The sin is mine, but no one over here has ever mentioned these things to me. Christians just don't do it, as far as I know, here.

Since I am the head of the family the responsibility is mine, but it feels like a daunting task. There is so much that needs to be changed...

I am asking lot of questions here, but held would be appreciated

1. I have a daugher and a son (2 months and 3 years respectively). I have to teach them to be godly women and men, I don't have the faintest idea about how to do this (my concept of manhood and womanhood may be way "off" for that matter)

2. I've never been taught anything, I was indoctrinated on humanistic principles when I was a child and I went to public school. I think I am seeing the consequences of that now, as I have my own family. I don't have any clear picture of anything.

3. I don't feel secure at all catechizing and teaching. I fear it would turn into a complete fiasco. I don't have any "feel" for how to go about it 

4. Let's say you are invited to unbelievers. Would you pray before dinner even then? That would be so awkward.

Soo many questions. I don't have the faintest idea on how to live the gospel centered life.

I am not asking you to write essays in response, just some nudge in the right direction. 

Sorry for burdening you but there is no one I know personally that could help me.

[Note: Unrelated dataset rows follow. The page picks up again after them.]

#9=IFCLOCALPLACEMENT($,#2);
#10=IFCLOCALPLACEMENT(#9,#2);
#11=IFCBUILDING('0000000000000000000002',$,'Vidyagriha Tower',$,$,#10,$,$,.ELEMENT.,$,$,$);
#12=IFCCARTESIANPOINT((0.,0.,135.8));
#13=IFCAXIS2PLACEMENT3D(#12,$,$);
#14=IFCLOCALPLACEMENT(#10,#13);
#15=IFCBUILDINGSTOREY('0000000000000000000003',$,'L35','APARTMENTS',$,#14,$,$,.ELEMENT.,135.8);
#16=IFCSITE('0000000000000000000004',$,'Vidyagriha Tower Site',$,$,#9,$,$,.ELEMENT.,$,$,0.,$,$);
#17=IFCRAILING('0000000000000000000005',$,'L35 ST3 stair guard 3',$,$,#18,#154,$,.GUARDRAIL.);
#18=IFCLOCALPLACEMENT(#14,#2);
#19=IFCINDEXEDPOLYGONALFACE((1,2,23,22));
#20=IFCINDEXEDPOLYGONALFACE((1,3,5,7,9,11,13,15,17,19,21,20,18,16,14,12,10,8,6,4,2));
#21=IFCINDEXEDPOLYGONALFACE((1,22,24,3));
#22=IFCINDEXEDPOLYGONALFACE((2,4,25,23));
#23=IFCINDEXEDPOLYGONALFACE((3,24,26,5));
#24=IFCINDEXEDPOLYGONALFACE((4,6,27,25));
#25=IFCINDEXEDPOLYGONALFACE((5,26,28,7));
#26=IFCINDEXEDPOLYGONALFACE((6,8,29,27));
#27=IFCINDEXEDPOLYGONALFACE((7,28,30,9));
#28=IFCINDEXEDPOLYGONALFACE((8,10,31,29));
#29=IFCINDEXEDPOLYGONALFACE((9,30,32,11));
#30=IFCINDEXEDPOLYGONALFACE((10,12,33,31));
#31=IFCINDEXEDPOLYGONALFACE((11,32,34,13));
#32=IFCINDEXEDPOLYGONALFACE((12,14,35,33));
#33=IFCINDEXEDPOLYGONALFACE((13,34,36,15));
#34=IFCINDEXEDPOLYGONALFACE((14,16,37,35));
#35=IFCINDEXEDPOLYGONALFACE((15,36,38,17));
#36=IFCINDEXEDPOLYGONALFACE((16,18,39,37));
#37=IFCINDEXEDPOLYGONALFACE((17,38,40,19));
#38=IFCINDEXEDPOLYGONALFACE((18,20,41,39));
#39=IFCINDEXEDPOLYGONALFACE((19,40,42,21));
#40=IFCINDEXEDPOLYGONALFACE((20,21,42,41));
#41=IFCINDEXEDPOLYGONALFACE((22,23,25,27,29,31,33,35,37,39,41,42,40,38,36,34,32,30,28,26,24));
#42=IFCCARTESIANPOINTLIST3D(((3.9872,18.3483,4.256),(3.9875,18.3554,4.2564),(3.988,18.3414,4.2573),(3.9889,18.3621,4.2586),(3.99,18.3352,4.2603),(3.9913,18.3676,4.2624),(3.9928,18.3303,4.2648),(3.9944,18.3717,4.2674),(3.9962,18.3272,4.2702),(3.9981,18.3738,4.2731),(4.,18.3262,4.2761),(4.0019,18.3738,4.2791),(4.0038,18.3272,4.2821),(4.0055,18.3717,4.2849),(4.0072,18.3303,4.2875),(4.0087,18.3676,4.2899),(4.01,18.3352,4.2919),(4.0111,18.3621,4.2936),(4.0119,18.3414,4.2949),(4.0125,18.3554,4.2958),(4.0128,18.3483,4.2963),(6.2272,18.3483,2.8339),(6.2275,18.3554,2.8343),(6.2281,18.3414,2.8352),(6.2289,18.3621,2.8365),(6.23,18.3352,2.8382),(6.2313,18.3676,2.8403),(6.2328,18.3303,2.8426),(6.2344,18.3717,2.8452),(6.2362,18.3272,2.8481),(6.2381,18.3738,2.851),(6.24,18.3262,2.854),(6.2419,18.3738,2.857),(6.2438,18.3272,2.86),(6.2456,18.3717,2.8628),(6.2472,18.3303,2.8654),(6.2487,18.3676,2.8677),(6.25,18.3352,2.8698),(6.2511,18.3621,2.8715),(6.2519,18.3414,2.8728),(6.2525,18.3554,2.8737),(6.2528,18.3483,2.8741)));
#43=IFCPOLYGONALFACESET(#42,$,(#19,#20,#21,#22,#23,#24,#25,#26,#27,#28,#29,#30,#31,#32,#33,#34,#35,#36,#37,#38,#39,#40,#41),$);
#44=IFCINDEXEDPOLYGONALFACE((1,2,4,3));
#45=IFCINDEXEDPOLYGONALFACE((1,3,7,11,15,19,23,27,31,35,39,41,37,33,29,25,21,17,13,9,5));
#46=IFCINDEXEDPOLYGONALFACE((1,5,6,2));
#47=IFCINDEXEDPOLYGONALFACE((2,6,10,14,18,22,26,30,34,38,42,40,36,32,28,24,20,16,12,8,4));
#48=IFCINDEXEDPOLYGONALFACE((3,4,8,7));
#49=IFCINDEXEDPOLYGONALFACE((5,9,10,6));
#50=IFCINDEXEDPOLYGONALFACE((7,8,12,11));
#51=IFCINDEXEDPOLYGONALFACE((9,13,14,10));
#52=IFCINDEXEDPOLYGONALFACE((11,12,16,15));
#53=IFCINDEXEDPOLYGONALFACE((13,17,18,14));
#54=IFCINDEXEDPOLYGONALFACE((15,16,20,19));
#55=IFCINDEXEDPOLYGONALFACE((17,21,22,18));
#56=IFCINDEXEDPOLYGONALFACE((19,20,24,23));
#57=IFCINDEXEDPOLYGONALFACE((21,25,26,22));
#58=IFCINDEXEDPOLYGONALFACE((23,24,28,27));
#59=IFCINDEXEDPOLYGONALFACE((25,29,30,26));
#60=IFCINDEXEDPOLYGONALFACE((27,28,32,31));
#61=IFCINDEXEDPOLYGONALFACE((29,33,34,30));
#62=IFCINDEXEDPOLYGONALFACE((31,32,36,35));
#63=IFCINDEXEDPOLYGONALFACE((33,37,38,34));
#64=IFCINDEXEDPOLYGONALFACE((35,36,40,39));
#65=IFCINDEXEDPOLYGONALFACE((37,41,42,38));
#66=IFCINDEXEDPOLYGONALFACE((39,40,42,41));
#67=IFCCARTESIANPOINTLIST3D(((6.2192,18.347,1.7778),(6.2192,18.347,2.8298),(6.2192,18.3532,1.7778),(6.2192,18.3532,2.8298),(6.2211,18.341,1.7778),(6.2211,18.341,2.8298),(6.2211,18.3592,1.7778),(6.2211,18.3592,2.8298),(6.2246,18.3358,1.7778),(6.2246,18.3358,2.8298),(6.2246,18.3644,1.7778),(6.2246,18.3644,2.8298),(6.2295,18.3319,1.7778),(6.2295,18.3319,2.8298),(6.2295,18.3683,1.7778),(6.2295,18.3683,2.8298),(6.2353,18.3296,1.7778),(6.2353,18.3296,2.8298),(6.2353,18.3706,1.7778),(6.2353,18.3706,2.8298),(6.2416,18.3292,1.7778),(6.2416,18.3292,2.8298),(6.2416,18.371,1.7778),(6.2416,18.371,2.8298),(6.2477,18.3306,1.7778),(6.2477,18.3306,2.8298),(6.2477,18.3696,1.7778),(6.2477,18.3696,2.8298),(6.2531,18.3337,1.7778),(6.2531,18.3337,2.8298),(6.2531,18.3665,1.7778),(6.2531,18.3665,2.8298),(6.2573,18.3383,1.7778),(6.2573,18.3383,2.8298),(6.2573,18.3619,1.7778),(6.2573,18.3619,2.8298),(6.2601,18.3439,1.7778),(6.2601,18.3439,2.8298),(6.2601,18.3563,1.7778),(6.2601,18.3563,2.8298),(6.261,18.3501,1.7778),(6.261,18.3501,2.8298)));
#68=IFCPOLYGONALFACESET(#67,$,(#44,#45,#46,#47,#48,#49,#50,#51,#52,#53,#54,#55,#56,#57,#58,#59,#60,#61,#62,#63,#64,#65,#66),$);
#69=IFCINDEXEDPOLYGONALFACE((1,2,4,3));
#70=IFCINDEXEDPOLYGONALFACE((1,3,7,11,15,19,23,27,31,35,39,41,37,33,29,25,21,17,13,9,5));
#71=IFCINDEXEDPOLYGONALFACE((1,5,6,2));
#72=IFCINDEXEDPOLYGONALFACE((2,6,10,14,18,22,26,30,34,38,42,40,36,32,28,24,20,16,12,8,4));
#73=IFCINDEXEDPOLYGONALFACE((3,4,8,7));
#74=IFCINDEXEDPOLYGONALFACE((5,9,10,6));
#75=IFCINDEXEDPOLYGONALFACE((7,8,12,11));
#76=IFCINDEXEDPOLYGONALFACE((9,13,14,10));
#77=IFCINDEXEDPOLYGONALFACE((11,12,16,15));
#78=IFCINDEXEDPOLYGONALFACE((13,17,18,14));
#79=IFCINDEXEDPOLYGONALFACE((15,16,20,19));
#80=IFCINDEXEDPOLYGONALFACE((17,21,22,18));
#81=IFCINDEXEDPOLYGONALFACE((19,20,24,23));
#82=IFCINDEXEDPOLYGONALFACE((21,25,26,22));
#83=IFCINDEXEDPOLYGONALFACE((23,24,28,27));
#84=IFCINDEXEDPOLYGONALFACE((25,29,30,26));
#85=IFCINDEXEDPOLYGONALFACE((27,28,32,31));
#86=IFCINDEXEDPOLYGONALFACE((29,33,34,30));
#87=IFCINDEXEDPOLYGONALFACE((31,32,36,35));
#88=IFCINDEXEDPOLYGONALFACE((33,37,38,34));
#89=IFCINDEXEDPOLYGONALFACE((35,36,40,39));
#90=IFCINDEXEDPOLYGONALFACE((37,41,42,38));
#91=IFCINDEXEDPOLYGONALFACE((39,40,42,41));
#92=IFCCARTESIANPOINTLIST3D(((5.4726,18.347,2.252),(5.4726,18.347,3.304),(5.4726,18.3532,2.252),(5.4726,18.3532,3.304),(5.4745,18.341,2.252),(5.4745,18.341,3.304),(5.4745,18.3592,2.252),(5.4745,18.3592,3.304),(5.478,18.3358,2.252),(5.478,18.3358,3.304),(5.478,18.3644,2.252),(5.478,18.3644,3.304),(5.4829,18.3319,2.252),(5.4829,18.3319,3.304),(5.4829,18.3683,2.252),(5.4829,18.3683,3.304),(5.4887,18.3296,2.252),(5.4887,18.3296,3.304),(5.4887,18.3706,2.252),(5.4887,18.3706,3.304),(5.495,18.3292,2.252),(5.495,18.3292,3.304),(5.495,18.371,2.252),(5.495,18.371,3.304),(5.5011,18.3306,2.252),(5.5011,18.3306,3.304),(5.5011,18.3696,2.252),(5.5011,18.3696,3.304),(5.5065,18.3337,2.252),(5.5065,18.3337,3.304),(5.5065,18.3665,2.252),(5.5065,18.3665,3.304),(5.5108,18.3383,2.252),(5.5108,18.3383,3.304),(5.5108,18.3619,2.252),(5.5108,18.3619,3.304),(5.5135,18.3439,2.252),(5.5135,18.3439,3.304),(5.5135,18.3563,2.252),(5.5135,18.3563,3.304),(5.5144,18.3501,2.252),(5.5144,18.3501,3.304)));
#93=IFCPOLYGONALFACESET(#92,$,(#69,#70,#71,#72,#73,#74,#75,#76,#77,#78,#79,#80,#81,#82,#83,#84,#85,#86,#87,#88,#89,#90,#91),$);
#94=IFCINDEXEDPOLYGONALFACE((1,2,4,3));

I also feel that time is running out for me. I am 33 years and my children are growing fast. If it continues like this my household won't be different from an ungodly one. It feels like it is too late, I messed up


----------



## asc (Mar 19, 2009)

Sorry I'm in the middle of some stuff and can't write much, but I did want to share this link from a United Reformed Church website which has an aid to help parents go through the Heidelberg Catechism with their children, which i have benefited from:

URC Learning Heidelberg Catechism for Families


----------



## Scott1 (Mar 19, 2009)

Christoffer said:


> I've been browsing old threads and come to the conclusion that my christian life is really, really messed up. The concepts of family worship and catechizing were unfamiliar to me, they aren't anymore!
> 
> The sin is mine, but no one over here has ever mentioned these things to me. Christians just don't do it, as far as I know, here.
> 
> ...



It sounds like you have several high priorities right now. Ask God and He will give you grace:

1) Set a pattern for the Lord's Day
2) Develop a personal pattern of Bible reading and prayer for yourself
3) Begin tithing, and learn the skill and discipline of budgeting with family input

Family Bible reading, gathered together at a regular time may be a good place to start. Let me re-iterate a pattern:

Begin by praying God will give you (all) grace to believe and follow what you read in His Word
You read aloud one chapter of the Bible. Begin in John's Gospel and read sequentially, one chapter each week.
Ask questions of your family after reading... (e.g. "What does it mean when it says, 'the Word was made flesh'). Discuss this together
Close with short prayer, thanking God for helping you understand, believe and obey His Word.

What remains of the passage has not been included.